Nothing gives a comic book fan the excuse to threaten, bully, cajole, insult or attempt to intimidate a writer. They don’t owe you anything. They provide a service, you take it or you leave it. You don’t own Dan Slott or Grant Morrison or Brian Michael Bendis or anybody else writing anything. As Neil Gaiman once thoughtfully put it about Game of Thrones, “George R.R. Martin is not your bitch.” Swap it out for any other creator, and it makes just as much sense.
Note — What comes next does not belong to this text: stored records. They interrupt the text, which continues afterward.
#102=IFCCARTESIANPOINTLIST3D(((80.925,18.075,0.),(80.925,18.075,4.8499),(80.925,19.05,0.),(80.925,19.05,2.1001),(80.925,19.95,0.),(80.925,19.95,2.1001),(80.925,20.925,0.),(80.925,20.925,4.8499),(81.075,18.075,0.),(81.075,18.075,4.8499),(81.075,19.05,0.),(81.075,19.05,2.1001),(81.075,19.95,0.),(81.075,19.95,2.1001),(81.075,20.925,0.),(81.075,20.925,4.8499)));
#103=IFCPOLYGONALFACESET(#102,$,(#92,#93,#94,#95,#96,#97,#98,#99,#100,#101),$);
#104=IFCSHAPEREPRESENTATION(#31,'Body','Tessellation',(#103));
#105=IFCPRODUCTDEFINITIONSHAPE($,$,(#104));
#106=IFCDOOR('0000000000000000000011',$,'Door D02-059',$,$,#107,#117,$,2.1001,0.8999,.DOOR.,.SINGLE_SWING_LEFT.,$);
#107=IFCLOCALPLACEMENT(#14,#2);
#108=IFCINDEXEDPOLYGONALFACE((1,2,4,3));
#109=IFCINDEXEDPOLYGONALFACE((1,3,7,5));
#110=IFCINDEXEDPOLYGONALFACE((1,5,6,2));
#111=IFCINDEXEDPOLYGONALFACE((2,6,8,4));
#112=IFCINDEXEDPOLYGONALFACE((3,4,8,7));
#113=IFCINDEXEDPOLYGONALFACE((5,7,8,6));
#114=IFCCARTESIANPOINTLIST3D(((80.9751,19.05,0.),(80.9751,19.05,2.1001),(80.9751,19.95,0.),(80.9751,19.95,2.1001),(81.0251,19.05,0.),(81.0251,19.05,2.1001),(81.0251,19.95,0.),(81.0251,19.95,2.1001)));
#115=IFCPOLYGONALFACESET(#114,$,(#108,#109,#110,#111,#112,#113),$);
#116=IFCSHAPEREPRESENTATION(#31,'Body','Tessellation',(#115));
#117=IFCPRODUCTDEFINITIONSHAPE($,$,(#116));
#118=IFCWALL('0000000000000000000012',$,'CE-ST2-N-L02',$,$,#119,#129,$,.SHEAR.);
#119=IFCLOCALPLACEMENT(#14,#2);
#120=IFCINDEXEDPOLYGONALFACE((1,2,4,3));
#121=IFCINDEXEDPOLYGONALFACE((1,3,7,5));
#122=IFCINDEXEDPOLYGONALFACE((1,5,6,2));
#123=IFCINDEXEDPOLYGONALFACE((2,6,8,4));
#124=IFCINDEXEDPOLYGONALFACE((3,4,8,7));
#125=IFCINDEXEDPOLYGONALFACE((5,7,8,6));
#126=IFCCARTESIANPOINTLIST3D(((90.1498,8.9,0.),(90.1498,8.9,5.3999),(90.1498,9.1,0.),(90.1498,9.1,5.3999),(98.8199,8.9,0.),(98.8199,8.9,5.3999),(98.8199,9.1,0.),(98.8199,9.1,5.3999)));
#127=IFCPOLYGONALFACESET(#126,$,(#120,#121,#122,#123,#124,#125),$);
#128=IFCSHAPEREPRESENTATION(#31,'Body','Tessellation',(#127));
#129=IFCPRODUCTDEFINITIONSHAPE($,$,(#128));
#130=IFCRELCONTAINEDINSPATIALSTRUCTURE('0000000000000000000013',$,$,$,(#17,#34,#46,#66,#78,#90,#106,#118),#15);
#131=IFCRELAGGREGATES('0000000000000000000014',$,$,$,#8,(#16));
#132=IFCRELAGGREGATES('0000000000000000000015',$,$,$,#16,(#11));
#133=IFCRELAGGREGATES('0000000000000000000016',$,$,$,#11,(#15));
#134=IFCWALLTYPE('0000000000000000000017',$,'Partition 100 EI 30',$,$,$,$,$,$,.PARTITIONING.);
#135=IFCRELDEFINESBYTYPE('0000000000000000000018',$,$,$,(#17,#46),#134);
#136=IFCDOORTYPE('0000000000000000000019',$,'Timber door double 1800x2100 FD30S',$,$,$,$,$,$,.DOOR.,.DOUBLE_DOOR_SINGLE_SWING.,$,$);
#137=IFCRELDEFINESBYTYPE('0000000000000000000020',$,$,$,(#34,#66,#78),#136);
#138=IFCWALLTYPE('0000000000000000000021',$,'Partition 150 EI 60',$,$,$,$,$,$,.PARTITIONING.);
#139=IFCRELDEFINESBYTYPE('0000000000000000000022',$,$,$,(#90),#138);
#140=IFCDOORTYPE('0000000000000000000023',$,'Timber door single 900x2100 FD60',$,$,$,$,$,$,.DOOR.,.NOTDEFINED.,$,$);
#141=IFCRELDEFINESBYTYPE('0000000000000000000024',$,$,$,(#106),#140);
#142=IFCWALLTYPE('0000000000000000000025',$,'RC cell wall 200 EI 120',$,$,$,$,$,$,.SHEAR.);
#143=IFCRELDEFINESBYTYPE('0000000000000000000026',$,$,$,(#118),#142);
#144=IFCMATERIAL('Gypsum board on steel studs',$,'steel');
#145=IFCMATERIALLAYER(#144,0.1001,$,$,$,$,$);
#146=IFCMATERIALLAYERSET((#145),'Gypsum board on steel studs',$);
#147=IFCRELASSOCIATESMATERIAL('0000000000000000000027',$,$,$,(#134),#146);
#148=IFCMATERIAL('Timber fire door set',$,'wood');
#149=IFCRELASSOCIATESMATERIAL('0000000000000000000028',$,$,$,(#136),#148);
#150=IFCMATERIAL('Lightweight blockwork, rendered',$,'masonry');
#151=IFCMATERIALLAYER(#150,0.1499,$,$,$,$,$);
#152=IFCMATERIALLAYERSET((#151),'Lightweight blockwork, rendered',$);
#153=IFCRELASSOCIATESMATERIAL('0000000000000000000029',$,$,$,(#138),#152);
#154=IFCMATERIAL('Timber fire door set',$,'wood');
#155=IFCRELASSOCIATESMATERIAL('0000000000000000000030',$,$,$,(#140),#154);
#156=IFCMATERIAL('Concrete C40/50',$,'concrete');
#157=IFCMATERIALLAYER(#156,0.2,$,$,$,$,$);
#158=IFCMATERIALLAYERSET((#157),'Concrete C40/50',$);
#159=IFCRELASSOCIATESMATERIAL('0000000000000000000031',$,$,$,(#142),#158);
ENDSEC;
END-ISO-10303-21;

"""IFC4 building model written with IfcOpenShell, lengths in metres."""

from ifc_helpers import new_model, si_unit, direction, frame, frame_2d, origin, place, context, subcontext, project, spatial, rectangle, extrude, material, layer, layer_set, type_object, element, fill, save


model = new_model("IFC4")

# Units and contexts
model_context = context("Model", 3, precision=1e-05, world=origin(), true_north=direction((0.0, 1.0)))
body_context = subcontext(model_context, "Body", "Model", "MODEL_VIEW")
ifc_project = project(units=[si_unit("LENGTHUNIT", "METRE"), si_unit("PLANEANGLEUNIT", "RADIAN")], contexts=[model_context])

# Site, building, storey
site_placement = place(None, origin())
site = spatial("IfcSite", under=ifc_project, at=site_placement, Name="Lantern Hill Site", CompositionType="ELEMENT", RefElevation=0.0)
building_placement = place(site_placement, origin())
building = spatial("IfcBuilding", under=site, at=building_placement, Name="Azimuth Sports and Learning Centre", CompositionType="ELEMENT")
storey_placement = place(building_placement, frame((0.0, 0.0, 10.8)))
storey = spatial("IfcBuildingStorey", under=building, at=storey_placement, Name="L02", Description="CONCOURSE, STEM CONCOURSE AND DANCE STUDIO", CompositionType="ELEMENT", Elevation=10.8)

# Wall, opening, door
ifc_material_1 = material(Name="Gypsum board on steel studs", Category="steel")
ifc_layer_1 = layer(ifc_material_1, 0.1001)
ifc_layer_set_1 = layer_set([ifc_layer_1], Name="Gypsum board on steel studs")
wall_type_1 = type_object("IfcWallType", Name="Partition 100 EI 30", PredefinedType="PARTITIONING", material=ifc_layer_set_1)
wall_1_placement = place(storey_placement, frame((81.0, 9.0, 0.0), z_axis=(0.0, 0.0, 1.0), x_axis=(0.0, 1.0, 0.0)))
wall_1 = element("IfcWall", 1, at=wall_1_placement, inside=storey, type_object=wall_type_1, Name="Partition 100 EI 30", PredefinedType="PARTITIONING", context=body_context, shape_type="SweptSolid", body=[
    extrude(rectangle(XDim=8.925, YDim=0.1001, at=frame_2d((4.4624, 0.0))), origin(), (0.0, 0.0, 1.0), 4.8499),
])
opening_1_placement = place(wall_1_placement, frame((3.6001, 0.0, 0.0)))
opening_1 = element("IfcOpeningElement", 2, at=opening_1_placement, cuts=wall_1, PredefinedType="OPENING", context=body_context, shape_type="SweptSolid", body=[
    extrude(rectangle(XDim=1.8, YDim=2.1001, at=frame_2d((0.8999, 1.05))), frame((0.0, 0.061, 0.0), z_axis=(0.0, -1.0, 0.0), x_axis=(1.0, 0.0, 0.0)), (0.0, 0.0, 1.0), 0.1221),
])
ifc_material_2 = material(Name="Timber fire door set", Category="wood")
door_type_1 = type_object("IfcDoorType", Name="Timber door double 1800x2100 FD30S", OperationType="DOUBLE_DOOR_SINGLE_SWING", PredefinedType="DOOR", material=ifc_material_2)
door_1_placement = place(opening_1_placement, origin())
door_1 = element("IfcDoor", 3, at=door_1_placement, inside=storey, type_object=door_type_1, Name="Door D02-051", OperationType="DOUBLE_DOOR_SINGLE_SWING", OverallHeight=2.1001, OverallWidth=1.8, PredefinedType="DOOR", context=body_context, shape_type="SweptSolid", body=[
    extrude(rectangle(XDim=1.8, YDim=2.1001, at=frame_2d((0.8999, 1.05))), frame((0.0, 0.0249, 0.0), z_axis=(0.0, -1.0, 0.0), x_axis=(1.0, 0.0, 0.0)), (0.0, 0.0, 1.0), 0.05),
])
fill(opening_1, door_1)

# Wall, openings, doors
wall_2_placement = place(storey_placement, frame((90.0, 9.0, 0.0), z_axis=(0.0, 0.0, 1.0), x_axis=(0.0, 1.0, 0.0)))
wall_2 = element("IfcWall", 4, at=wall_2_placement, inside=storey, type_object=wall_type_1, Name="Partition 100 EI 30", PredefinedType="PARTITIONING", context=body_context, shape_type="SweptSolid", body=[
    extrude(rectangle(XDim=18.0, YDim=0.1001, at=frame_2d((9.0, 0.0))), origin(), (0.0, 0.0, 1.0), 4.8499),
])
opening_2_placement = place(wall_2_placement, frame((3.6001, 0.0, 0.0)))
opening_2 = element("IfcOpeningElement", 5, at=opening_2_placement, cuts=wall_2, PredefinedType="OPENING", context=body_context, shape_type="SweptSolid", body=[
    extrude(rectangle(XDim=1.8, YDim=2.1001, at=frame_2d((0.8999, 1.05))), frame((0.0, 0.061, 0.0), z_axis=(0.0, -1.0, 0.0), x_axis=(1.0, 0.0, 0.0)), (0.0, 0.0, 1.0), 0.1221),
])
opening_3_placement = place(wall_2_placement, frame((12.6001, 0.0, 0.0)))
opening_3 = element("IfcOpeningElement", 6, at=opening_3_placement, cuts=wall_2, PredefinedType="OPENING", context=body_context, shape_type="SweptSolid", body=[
It’s ironic, in a world where so many fans are so quick to agitate about the ownership of various characters, that they seem convinced that they are the true owners. In a way they are. I have my own version of Batman, in my head, informed by my own reading and my own favourite stories. Many people have their own takes on iconic characters, tucked away inside their heads. However, that doesn’t obligate comics to conform to your version of particular characters.
Just because Brian Michael Bendis’ version of Moon Knight doesn’t synch up with yours doesn’t mean that he should immediately be dropped from the book or fired – it just means that take on Moon Knight is not for you. Go buy another comic, or read back issues, or do something more constructive than wishing ill on a guy who just happened to write a comic in a way that doesn’t match your expectations. That stuff is toxic.
And, you know what, it means that this relationship between fans and creators gets toxic. It doesn’t matter that the good apples outnumber the extremists to an nth degree, because those extremists are so loud and so vocal about their own selfish preconceptions that they drown out the fans who do appreciate the openness and transparency that communication with these professionals offers.
Sometimes I can’t help but wonder if it might be healthier if comic creators pulled back. I mean, I don’t want it to be the case. I’ve had some very nice interactions with writers, and it’d be a shame to lose that, to be honest. However, I can’t help but wonder if it wouldn’t be better for all involved if there was a firmer delineation between those creating the product and those consuming it. It might ease some of the entitlement concerns, if the more extreme fans didn’t feel like they had 24-7 access to various creators to whine and moan.
Still, it’d be a shame to lose the relationship that exists now, the sense of a much tighter relationship than filmmakers or television producers share with their audiences. However, incidents like those with Dan Slott can’t help but feel like evidence that such a relationship is unsustainable. I’m amazed this hasn’t been a bigger story on the various fan sites and blogs out there, but maybe it doesn’t say anything especially good about us fans.